In [33]:
import pandas as pd
from sklearn.model_selection import train_test_split
from sklearn.linear_model import LinearRegression
from sklearn.metrics import r2_score, mean_absolute_error
import numpy as np

In [2]:
wego = pd.read_csv('../data/wego_ml.csv')

1. Fit a linear regression model predicting the ADHERENCE using the ROUTE_ABBR and ROUTE_DIRECTION_NAME columns. Measure the performance of the model using the R^2 and mean absolute error metrics. Interpret the meaning of each metric.

In [6]:
# LinearRegression instance
linreg = LinearRegression()

In [8]:
# create X and y
X = wego[['ROUTE_ABBR', 'ROUTE_DIRECTION_NAME']]
y = wego['ADHERENCE']

In [13]:
# both X columns are categorical, use get_dummies
# makes sense for drop_first = True (coefficients more meaningful since it moves the value
# to the intercept)
X = pd.get_dummies(X, columns = X.columns)

In [15]:
# create train/test split
X_train, X_test, y_train, y_test = train_test_split(X, y, random_state = 42)

In [23]:
# fit linear regression model
linreg.fit(X_train, y_train)

# generate predictions
y_pred = linreg.predict(X_test)

In [24]:
# measure performance
mean_absolute_error(y_test, y_pred)

3.5201387587455897

In [25]:
r2_score(y_test, y_pred)

0.07982146967916637

2. Now, try using the ROUTE_ABBR, ROUTE_DIRECTION_NAME, and OPERATOR. Does this improve the model? Warning: Your model may perform very poorly once you add the OPERATOR. If so, this is likely caused because some operators have very few observations. One option to correct this is to assign an "Other" (or -999999) value to operators with few observations.

In [26]:
# create X and y
X = wego[['ROUTE_ABBR', 'ROUTE_DIRECTION_NAME', 'OPERATOR']]
y = wego['ADHERENCE']

# X columns are categorical, use get_dummies
X = pd.get_dummies(X, columns = X.columns)

In [27]:
# create train/test split
X_train, X_test, y_train, y_test = train_test_split(X, y, random_state = 42)

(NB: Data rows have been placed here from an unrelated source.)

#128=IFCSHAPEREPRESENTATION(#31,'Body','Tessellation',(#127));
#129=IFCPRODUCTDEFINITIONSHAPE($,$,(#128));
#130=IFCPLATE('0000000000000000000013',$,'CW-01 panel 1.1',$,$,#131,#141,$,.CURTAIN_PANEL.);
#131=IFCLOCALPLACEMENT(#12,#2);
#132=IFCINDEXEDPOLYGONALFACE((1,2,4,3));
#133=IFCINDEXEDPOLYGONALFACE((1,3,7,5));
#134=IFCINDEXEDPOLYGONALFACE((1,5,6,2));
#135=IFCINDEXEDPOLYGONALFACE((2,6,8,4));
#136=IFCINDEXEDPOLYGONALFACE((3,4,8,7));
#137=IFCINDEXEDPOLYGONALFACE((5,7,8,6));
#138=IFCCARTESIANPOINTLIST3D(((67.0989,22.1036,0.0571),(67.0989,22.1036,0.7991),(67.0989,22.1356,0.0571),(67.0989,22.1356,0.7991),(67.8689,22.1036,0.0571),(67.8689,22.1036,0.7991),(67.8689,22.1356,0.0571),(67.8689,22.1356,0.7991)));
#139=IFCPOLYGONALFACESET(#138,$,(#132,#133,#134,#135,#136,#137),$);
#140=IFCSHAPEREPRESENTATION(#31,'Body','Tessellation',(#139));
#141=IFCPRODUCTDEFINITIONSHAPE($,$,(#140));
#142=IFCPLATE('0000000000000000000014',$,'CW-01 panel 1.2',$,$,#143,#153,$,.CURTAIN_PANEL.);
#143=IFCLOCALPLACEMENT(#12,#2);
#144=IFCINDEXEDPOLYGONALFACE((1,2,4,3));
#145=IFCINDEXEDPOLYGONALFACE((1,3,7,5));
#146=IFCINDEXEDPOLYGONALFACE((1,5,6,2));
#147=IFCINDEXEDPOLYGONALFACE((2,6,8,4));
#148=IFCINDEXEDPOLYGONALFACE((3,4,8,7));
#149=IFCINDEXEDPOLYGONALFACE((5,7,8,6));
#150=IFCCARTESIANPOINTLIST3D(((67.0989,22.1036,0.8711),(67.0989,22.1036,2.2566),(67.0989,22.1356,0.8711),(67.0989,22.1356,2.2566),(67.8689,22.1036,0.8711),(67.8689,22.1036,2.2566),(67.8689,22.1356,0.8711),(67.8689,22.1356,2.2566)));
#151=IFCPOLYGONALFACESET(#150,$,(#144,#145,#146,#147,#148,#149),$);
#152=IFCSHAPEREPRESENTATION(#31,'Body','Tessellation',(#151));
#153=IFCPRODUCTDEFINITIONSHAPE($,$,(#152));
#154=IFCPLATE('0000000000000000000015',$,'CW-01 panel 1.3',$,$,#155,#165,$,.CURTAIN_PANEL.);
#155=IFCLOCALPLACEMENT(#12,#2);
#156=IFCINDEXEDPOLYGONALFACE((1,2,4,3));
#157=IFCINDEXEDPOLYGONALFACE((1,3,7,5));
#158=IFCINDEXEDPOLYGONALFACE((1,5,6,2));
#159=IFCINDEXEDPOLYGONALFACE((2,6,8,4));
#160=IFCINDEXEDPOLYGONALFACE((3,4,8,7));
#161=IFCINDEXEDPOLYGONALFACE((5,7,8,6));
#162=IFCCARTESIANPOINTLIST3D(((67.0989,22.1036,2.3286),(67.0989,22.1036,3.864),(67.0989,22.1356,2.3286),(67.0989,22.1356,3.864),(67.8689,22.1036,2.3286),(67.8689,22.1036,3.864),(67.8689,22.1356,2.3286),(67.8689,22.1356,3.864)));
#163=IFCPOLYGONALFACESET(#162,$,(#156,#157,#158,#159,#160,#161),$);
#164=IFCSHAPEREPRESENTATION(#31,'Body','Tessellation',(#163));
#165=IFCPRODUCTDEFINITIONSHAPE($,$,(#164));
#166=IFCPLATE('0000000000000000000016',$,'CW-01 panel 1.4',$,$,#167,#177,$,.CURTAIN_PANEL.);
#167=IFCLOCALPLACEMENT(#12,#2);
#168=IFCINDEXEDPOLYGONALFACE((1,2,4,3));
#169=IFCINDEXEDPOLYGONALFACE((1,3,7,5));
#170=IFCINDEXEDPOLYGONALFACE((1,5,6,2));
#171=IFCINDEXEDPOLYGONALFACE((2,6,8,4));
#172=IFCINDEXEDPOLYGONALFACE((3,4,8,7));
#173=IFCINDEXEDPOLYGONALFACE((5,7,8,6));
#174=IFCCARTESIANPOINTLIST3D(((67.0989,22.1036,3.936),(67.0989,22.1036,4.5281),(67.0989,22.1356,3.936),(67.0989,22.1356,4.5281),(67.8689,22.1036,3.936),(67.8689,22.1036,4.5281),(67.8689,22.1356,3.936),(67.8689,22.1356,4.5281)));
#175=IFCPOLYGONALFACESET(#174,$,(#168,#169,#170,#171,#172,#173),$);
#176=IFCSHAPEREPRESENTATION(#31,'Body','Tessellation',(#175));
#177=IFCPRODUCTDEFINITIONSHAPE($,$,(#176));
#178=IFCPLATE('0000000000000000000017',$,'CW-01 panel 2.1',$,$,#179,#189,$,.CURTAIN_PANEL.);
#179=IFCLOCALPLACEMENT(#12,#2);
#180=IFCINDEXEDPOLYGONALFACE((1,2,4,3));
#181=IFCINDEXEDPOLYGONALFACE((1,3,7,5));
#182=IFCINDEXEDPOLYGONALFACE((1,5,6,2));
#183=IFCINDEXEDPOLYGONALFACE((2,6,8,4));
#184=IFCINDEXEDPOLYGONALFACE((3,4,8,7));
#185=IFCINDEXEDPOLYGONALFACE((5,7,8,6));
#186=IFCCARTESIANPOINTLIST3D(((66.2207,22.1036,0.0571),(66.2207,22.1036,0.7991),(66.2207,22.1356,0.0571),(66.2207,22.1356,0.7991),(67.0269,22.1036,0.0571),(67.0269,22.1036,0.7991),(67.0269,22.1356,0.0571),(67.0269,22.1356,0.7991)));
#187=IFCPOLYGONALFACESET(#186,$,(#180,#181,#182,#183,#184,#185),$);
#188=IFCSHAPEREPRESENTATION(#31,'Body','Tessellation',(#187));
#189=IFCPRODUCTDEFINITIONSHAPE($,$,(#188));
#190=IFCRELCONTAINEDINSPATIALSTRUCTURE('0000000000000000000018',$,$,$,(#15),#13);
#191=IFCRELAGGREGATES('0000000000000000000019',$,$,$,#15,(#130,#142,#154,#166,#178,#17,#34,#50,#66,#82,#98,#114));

# fit linear regression model
linreg.fit(X_train, y_train)

# generate predictions
y_pred = linreg.predict(X_test)

# measure performance
print(mean_absolute_error(y_test, y_pred))
r2_score(y_test, y_pred)

3.253868914867842


0.17416221731811343

3. Finally, the data you have been provided has an STARTING_ADHERENCE column, which contains the ADHERENCE at the beginning of the route. If you add this metric, does it improve the model? Is this of any practical use?

In [31]:
# create X and y
X = wego[['ROUTE_ABBR', 'ROUTE_DIRECTION_NAME', 'OPERATOR', 'STARTING_ADHERENCE']]
y = wego['ADHERENCE']

# X columns are categorical, use get_dummies
X = pd.get_dummies(X, columns = ['ROUTE_ABBR', 'ROUTE_DIRECTION_NAME', 'OPERATOR'])

In [32]:
# create train/test split
X_train, X_test, y_train, y_test = train_test_split(X, y, random_state = 42)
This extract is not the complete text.